Today, the United States stands as one of the most religiously diverse countries in the world.
This diversity poses great challenges as well as great opportunities. I would ask, though, with all that is happening in our country and around the world enacted in the name of religion, how religiously literate are we as a nation?
According to the U.S. Religious Knowledge Survey conducted by the Pew Research Center for Religion and Public Life, great many U.S.-Americans have very little knowledge or understanding of
“the tenets, practices, history and leading figures of major faith traditions – including their own.” In addition, “many people also think the constitutional restrictions on religion in public schools are stricter than they really are.”
Over the years, the Supreme Court has clarified the ways in which the First Amendment relates to public schools in the cases of Engel v. Vitale, 1962 and Abington v. Schempp, 1963. The court ruled that schools may not sponsor religious practices, though they may teach about religion as an academic topic. In addition, while not ruling directly on the matter of religious holidays in the school, the Supreme Court let stand a lower federal court decision (Florey v.

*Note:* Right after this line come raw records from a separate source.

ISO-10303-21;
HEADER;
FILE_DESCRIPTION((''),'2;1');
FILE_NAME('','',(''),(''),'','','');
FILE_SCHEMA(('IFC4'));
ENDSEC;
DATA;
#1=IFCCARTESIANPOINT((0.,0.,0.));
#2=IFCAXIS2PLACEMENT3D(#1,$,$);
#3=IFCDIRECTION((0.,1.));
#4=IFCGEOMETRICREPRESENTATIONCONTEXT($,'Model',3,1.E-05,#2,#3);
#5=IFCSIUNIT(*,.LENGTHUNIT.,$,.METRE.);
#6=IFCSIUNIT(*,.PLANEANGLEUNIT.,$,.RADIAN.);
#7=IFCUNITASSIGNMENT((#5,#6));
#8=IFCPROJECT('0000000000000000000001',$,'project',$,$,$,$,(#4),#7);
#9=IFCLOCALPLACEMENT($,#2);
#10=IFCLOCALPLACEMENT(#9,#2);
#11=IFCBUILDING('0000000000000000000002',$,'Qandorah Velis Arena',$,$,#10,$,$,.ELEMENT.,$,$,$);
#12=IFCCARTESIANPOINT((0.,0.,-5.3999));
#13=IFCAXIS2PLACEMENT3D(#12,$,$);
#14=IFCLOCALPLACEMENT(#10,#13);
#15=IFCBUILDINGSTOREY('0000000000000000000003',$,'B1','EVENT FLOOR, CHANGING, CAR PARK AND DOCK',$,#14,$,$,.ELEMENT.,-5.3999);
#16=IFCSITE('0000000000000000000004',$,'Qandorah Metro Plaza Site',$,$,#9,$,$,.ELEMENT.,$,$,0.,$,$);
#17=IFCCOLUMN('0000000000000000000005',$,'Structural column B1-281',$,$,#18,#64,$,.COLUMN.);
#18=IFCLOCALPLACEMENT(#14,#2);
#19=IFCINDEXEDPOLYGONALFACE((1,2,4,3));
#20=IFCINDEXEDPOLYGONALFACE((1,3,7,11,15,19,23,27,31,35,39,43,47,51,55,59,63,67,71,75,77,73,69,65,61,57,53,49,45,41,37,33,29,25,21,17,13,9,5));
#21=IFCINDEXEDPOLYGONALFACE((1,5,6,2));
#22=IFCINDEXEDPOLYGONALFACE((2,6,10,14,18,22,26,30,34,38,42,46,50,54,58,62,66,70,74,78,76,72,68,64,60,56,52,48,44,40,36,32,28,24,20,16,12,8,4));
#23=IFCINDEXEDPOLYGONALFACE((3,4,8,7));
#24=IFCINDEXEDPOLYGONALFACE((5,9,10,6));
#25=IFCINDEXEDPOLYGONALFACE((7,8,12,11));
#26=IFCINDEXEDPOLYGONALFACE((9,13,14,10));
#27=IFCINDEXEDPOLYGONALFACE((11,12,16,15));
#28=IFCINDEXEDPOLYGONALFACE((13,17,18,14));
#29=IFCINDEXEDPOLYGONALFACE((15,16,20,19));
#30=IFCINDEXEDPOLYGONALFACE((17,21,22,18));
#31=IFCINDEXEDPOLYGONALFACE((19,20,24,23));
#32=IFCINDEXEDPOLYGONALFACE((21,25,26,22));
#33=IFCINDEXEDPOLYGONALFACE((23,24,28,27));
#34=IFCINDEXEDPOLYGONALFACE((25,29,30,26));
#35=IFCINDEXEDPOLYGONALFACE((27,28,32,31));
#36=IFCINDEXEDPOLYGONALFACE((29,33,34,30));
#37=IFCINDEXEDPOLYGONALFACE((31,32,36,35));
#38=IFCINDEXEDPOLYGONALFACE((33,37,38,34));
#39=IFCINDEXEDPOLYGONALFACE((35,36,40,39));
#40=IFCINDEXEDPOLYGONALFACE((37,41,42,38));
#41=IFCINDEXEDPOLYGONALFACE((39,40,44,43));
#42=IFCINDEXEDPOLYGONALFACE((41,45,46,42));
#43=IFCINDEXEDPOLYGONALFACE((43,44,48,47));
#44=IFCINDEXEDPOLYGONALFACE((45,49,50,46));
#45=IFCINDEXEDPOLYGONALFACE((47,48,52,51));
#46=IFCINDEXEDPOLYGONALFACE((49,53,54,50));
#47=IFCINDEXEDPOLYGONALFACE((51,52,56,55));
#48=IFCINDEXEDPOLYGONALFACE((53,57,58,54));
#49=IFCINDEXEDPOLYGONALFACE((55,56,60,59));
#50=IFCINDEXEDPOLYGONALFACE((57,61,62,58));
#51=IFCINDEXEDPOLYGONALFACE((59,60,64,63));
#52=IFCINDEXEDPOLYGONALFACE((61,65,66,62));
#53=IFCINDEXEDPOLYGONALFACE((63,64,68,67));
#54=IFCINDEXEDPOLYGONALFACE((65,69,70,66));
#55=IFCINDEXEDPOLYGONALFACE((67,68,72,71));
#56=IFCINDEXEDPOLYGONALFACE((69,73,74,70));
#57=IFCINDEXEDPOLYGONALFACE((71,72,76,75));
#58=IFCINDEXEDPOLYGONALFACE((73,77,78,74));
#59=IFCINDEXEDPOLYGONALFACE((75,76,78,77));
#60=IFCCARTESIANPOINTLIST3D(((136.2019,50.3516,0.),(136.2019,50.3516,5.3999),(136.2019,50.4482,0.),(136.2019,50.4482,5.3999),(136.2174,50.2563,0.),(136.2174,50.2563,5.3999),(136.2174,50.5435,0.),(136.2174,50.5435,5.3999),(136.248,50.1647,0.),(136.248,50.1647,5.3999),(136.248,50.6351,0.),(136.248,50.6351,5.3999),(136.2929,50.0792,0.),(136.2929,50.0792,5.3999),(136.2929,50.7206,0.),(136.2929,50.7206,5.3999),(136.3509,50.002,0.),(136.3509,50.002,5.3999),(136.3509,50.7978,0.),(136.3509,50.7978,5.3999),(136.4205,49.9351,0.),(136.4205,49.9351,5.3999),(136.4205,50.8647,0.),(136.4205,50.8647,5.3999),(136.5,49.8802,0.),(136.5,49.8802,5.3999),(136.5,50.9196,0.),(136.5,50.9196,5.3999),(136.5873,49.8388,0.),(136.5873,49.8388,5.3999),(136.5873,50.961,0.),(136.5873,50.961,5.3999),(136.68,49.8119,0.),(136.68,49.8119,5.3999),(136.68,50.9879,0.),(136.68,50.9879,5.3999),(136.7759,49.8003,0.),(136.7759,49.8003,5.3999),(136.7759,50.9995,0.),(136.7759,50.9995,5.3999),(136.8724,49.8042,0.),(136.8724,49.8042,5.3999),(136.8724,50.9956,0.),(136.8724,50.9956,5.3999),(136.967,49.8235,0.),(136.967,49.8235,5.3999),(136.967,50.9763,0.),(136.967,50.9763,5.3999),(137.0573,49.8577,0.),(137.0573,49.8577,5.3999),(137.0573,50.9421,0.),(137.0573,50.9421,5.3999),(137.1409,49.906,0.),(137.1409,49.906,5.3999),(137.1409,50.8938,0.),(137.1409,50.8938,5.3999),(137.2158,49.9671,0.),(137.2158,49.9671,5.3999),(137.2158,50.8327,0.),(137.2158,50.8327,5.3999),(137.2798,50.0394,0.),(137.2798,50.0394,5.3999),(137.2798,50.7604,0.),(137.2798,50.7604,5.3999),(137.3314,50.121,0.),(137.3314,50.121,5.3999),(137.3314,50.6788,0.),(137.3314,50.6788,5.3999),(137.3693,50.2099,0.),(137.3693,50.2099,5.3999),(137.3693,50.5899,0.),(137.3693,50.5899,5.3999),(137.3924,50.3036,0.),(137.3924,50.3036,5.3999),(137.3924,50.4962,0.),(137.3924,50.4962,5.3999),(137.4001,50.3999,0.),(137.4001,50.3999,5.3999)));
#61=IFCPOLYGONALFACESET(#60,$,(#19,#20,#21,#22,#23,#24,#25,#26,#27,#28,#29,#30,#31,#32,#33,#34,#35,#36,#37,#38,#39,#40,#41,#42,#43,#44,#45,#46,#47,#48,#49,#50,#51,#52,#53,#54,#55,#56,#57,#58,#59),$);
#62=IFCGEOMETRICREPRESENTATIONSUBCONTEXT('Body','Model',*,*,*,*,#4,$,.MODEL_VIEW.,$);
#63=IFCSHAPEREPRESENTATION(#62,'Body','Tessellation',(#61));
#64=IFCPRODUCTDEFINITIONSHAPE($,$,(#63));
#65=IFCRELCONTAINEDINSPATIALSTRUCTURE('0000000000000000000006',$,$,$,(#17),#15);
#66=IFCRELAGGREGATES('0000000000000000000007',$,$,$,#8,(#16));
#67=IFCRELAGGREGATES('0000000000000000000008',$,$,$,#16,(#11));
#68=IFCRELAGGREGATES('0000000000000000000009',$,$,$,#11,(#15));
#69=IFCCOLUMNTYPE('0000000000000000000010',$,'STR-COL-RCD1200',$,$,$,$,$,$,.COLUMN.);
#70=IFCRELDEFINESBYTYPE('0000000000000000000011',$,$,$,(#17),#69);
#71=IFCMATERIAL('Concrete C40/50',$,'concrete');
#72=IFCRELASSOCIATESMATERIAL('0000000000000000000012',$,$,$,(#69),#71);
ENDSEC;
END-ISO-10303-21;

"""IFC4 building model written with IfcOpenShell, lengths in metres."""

from ifc_helpers import new_model, si_unit, direction, frame, origin, origin_2d, place, context, subcontext, project, spatial, circle, extrude, material, material_profile, profile_set, type_object, element, save


model = new_model("IFC4")

# Units and contexts
model_context = context("Model", 3, precision=1e-05, world=origin(), true_north=direction((0.0, 1.0)))
body_context = subcontext(model_context, "Body", "Model", "MODEL_VIEW")
ifc_project = project(units=[si_unit("LENGTHUNIT", "METRE"), si_unit("PLANEANGLEUNIT", "RADIAN")], contexts=[model_context])

# Site, building, storey
site_placement = place(None, origin())
site = spatial("IfcSite", under=ifc_project, at=site_placement, Name="Qandorah Metro Plaza Site", CompositionType="ELEMENT", RefElevation=0.0)
building_placement = place(site_placement, origin())
building = spatial("IfcBuilding", under=site, at=building_placement, Name="Qandorah Velis Arena", CompositionType="ELEMENT")
storey_placement = place(building_placement, frame((0.0, 0.0, -5.3999)))
storey = spatial("IfcBuildingStorey", under=building, at=storey_placement, Name="B1", Description="EVENT FLOOR, CHANGING, CAR PARK AND DOCK", CompositionType="ELEMENT", Elevation=-5.3999)

# Shared definitions
ifc_material = material(Name="Concrete C40/50", Category="concrete")

# Column
ifc_material_profile_1 = material_profile(ifc_material, circle(Radius=0.6001, at=origin_2d()), Name="RC D1200")
ifc_profile_set_1 = profile_set([ifc_material_profile_1], Name="Concrete C40/50")
column_type_1 = type_object("IfcColumnType", Name="STR-COL-RCD1200", PredefinedType="COLUMN", material=ifc_profile_set_1)
for number, where, z_axis, x_axis, name in (
    (1, (136.8, 50.3999, 0.0), (0.0, 0.0, 1.0), (1.0, 0.0, 0.0), "Structural column B1-281"),
):
    element("IfcColumn", number, at=place(storey_placement, frame(where, z_axis=z_axis, x_axis=x_axis)), inside=storey, type_object=column_type_1, Name=name, PredefinedType="COLUMN", context=body_context, shape_type="SweptSolid", body=[
        extrude(circle(Radius=0.6001, at=origin_2d()), origin(), (0.0, 0.0, 1.0), 5.3999),
    ])

save(model, "model.ifc")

Sioux Falls School District, 8th Circuit, 1980) declaring that recognition of religious holidays may be constitutional when the purpose is to give secular instruction about religion or religious traditionsrather than to promote any specific religious doctrine or practice.
An inclusive model, one that ensures individuals’ and groups’ freedom of as well as freedom from religion is the concept as well as, I would suggest, the national goal of “cultural and religious pluralism.” The Jewish immigrant and sociologist of Polish and Latvian heritage, Horace Kallen (1915), coined the term “cultural pluralism” to challenge the image of the so-called “melting pot,” which he considered inherently undemocratic. Kallen envisioned a United States in the image of a great symphony orchestra, not sounding in unison (the “melting pot”), but rather, one in which all the disparate cultures play in harmony and retain their unique and distinctive tones and timbres.

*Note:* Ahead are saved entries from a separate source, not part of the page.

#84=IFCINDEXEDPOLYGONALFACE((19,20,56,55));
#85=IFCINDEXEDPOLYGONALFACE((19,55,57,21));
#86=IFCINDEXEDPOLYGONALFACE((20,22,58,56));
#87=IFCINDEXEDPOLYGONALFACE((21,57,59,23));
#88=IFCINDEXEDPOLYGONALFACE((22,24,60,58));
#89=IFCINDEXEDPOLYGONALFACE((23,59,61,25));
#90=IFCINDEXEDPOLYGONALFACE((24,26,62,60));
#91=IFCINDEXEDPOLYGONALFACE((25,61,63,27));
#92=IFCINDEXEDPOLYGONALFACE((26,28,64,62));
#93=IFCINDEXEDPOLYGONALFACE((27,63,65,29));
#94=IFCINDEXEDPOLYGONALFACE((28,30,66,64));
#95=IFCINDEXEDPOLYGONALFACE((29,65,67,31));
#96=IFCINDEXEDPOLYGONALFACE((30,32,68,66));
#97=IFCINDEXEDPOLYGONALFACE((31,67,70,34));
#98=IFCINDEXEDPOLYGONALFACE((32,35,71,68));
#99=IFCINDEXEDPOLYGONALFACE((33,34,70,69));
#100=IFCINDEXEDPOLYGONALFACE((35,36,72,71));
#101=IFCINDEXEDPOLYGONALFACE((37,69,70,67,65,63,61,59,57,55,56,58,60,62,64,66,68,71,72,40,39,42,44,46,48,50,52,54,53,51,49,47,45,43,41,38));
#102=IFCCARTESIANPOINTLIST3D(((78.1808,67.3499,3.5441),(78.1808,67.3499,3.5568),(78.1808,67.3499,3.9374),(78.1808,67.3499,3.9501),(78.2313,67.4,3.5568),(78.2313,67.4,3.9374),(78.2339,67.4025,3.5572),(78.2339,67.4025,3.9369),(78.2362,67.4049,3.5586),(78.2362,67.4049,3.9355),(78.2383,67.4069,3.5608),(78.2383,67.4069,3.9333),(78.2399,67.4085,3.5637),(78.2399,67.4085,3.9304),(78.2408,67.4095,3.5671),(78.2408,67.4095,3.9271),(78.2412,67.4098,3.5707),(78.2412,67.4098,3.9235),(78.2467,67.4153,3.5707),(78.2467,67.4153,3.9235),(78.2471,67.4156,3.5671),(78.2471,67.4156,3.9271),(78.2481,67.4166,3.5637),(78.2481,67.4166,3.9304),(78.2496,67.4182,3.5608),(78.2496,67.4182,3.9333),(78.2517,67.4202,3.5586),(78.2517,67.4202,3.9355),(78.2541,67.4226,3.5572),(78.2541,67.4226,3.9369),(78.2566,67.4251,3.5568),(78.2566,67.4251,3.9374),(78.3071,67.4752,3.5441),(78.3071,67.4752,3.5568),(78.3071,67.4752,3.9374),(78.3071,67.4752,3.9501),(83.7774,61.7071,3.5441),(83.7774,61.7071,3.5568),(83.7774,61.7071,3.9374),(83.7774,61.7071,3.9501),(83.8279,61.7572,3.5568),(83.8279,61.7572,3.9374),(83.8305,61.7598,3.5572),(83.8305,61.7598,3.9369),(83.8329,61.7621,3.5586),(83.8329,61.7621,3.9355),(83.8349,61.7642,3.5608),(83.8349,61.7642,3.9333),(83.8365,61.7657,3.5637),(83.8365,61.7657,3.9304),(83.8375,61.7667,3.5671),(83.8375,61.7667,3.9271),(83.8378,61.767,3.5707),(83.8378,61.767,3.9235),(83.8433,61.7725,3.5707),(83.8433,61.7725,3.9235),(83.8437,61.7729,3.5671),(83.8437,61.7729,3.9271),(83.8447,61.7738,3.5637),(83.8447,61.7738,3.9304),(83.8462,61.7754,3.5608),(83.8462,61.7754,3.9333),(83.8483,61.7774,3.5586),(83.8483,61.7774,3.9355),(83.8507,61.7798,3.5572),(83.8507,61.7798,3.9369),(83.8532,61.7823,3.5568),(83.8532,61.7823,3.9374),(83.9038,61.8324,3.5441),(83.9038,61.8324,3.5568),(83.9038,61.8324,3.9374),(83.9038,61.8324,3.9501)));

Many pedagogical strategies are available to educators in teaching about world religions and by helping to ensure religious pluralism. A number of educators base their pedagogical approach on constructivism. Derived from leaders in cognitive psychology (including John Dewey, Jean Piaget, Lev Vygotsky, and Howard Gardner), it involves a student-centered educational method emphasizing the active role of the learner, whereby students “construct” or build understanding making sense of the information, and utilizing problem-solving and critical-thinking skills. Key characteristics of constructivist instruction include: organizing material and lessons around important ideas, acknowledging the importance of students’ prior learning, challenging the adequacy of prior learning, providing a certain amount of ambiguity and uncertainty, assisting learners in how to learn, viewing learning as a joint venture between students themselves and between students and educator(s), and assisting students in assessing their knowledge acquisition during throughout the process.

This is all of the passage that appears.